Delta creation should be selective.

Recommended policy knobs: - delta_min_bytes: only consider DELTA if full_len >= threshold - delta_max_chain: maximum allowed delta depth (default 4) - delta_min_savings_ratio: require patch_len <= full_len * ratio (e.g., 0.7) - delta_columns: allowlist of columns eligible for deltas

When a new value is written: 1) If prior value exists and column is eligible, compute patch. 2) If patch is small enough, store DELTA entry keyed by ValueID(full). 3) Else store RAW entry.


5) Reading DELTA values

To materialize a ValueID: - Load ValueEntry by ValueID. - If RAW, return bytes. - If DELTA: 1) recursively materialize base_vid 2) apply patch to base bytes 3) validate full hash

Caching: - cache reconstructed bytes for hot values - cache base values to reduce recursion cost


6) Compaction and rebasing

Delta chains should be bounded.

During compaction: - if a DELTA chain depth > delta_max_chain, rewrite the value as RAW (or as a shorter delta against a nearer base)

This trades storage for read latency stability.


7) Interaction with chunked BLOBs

Recommended split: - Use DELTA for TEXT/JSON where edits are localized. - Use chunked BLOBs for very large binary values.

Chunking and delta can coexist: - A BLOB manifest may itself be delta-encoded (optional), but start simple.


8) Observability

Expose metrics: - delta_values_written - delta_bytes_saved_estimate - avg_delta_chain_depth - delta_read_reconstruct_time

These are critical for tuning.


9) Research extension: delta-chain topology optimization

The baseline design above uses linear delta chains with periodic rebasing. The research agenda proposes exploring richer topologies to improve historical reads and long version chains. See: docs/research_agenda/R03_delta-chain-topology-optimization.md.

Candidate extensions (experimental): - Periodic full snapshots: store a RAW snapshot every K deltas (fixed or adaptive) to bound reconstruction cost. - Skip pointers (skip-list style): allow DELTA entries to include optional “skip base” pointers at geometric intervals, enabling O(log n) reconstruction steps for deep histories. - Tree-structured deltas: when branches occur (e.g., concurrent updates), allow multiple child deltas to reference shared snapshots.

Compaction interaction: - Compaction can opportunistically restructure delta topology, amortizing reorganization costs. - Policy may be per-key based on observed access patterns (latest-only vs frequent time-travel reads).

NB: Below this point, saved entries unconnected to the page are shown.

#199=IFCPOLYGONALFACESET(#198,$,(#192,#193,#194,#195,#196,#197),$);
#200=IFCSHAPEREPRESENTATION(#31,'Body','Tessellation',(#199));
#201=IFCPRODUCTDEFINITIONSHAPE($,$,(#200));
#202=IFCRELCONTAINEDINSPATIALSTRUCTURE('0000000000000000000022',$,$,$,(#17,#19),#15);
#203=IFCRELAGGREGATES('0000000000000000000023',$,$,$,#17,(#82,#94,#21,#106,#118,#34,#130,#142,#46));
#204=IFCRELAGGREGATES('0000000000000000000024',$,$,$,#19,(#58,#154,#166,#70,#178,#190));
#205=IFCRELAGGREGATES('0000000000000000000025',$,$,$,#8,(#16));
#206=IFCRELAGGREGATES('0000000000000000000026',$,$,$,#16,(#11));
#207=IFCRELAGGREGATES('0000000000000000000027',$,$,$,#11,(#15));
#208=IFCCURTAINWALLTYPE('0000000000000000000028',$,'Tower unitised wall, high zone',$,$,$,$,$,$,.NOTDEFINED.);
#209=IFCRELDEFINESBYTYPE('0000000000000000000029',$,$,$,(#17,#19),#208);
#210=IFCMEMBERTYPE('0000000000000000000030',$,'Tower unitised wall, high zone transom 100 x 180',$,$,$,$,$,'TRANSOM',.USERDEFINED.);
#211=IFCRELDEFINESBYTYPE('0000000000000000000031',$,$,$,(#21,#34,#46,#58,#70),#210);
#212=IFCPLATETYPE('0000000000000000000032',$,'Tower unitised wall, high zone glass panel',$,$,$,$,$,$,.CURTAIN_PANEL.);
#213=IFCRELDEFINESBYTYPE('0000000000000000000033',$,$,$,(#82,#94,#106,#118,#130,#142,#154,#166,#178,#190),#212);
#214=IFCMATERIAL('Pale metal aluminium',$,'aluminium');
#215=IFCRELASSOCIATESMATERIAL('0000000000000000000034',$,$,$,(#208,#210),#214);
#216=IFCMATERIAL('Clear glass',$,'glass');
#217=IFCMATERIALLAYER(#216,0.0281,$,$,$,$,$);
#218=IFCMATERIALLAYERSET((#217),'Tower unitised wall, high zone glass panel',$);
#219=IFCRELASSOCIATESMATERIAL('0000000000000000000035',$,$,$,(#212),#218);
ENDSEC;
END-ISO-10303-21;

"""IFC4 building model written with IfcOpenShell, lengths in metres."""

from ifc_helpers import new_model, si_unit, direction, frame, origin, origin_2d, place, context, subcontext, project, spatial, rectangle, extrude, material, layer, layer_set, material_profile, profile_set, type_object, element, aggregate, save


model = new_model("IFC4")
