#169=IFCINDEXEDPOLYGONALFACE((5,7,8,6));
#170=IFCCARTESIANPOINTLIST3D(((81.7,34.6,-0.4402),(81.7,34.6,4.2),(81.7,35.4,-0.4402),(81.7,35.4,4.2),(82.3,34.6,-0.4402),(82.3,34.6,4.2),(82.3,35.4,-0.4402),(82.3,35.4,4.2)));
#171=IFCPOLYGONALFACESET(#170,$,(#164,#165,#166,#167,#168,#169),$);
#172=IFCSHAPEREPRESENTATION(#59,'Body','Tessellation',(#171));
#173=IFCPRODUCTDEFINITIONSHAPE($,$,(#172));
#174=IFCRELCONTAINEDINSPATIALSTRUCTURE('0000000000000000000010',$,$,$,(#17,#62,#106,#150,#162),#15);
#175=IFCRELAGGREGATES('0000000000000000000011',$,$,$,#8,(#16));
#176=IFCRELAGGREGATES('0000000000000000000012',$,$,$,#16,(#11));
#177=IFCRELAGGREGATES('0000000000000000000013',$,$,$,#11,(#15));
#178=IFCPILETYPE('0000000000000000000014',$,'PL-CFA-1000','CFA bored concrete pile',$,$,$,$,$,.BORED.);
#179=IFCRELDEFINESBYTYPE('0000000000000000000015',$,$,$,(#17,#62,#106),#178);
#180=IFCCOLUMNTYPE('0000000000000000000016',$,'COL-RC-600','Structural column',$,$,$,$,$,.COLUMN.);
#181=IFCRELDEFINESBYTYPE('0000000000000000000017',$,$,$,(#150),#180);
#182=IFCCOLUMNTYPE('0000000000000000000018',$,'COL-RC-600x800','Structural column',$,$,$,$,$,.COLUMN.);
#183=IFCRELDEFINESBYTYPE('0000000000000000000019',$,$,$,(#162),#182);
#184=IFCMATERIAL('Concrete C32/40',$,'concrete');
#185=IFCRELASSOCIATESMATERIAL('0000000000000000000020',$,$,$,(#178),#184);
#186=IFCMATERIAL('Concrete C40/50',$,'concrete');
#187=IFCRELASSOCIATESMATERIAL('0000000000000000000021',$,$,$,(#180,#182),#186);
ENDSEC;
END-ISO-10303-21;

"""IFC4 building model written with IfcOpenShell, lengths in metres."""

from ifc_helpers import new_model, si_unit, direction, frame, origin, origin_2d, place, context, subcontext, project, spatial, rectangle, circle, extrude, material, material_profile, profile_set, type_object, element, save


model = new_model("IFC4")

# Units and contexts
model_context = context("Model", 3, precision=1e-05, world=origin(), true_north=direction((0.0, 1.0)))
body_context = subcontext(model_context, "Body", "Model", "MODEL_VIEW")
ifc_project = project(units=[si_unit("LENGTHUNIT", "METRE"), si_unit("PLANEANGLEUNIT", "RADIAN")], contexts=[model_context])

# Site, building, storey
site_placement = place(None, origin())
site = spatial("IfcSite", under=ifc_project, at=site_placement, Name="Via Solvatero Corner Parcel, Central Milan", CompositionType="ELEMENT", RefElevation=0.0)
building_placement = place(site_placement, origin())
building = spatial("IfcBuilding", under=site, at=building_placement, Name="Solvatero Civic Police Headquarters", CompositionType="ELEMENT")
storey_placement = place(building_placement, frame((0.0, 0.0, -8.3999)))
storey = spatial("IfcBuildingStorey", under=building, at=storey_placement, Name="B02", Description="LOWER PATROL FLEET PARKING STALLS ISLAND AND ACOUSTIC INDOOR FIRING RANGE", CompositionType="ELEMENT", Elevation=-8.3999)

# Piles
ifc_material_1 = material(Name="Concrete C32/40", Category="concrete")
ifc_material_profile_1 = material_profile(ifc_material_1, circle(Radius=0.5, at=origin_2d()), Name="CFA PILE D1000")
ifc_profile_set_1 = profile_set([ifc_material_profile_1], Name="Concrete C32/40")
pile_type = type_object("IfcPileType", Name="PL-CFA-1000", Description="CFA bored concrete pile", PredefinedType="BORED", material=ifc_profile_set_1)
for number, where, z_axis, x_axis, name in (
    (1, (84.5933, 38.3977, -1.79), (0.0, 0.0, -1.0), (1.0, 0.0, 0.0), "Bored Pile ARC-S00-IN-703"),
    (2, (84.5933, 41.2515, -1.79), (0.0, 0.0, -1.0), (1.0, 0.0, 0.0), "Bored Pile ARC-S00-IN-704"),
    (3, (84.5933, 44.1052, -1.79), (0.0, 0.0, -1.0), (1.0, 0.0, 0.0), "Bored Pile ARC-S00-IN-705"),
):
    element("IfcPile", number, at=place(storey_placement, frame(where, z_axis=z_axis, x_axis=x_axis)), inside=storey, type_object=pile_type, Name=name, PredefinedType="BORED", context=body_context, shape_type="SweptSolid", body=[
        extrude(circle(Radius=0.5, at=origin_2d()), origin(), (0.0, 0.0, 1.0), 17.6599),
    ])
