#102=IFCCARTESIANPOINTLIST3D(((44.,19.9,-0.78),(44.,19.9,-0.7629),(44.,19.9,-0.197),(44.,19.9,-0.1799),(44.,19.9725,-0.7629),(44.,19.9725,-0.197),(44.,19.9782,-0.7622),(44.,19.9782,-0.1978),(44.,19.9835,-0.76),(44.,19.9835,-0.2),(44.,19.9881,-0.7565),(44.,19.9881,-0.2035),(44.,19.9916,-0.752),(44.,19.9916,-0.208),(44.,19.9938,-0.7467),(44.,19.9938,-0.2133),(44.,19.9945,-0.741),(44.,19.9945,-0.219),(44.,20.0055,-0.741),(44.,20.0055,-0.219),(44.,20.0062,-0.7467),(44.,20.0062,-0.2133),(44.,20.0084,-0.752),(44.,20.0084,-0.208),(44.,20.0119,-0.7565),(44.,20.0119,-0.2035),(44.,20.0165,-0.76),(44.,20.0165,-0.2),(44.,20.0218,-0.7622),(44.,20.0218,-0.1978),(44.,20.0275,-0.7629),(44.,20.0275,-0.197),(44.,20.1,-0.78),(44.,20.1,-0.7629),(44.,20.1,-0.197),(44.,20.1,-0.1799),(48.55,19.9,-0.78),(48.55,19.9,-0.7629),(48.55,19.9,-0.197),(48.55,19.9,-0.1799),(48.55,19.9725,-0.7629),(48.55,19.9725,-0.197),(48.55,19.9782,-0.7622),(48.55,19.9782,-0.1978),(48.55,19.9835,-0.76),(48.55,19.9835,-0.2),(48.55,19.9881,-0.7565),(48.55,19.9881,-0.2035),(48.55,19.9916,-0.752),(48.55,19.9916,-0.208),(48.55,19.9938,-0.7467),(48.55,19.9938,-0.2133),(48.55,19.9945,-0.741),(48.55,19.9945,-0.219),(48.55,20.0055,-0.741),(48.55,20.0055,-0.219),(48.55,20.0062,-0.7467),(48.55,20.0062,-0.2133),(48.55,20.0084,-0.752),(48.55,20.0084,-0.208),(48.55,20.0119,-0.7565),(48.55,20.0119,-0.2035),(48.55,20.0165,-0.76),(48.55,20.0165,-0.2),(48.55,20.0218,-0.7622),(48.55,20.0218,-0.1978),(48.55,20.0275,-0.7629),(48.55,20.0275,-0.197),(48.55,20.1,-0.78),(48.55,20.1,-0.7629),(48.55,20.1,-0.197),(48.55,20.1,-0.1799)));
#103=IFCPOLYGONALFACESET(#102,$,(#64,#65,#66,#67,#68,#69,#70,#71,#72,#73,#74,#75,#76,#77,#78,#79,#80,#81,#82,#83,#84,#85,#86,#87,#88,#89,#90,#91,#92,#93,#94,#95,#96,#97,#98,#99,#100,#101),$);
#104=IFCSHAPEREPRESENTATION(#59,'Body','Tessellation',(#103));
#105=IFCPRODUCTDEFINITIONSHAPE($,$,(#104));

Shipped research baseline: - ValueStore supports delta patches using COPY/ADD encoding (prefix/suffix diff). - Delta policy knobs live in ValueStoreConfig.delta_policy (min_bytes, max_chain, snapshot_interval, min_savings_ratio, max_skip). - Skip patches are stored at geometric distances (2, 4, 8, ...) when enabled. - ValueStore::compact_deltas rewrites deep chains to RAW and rebuilds skip patches.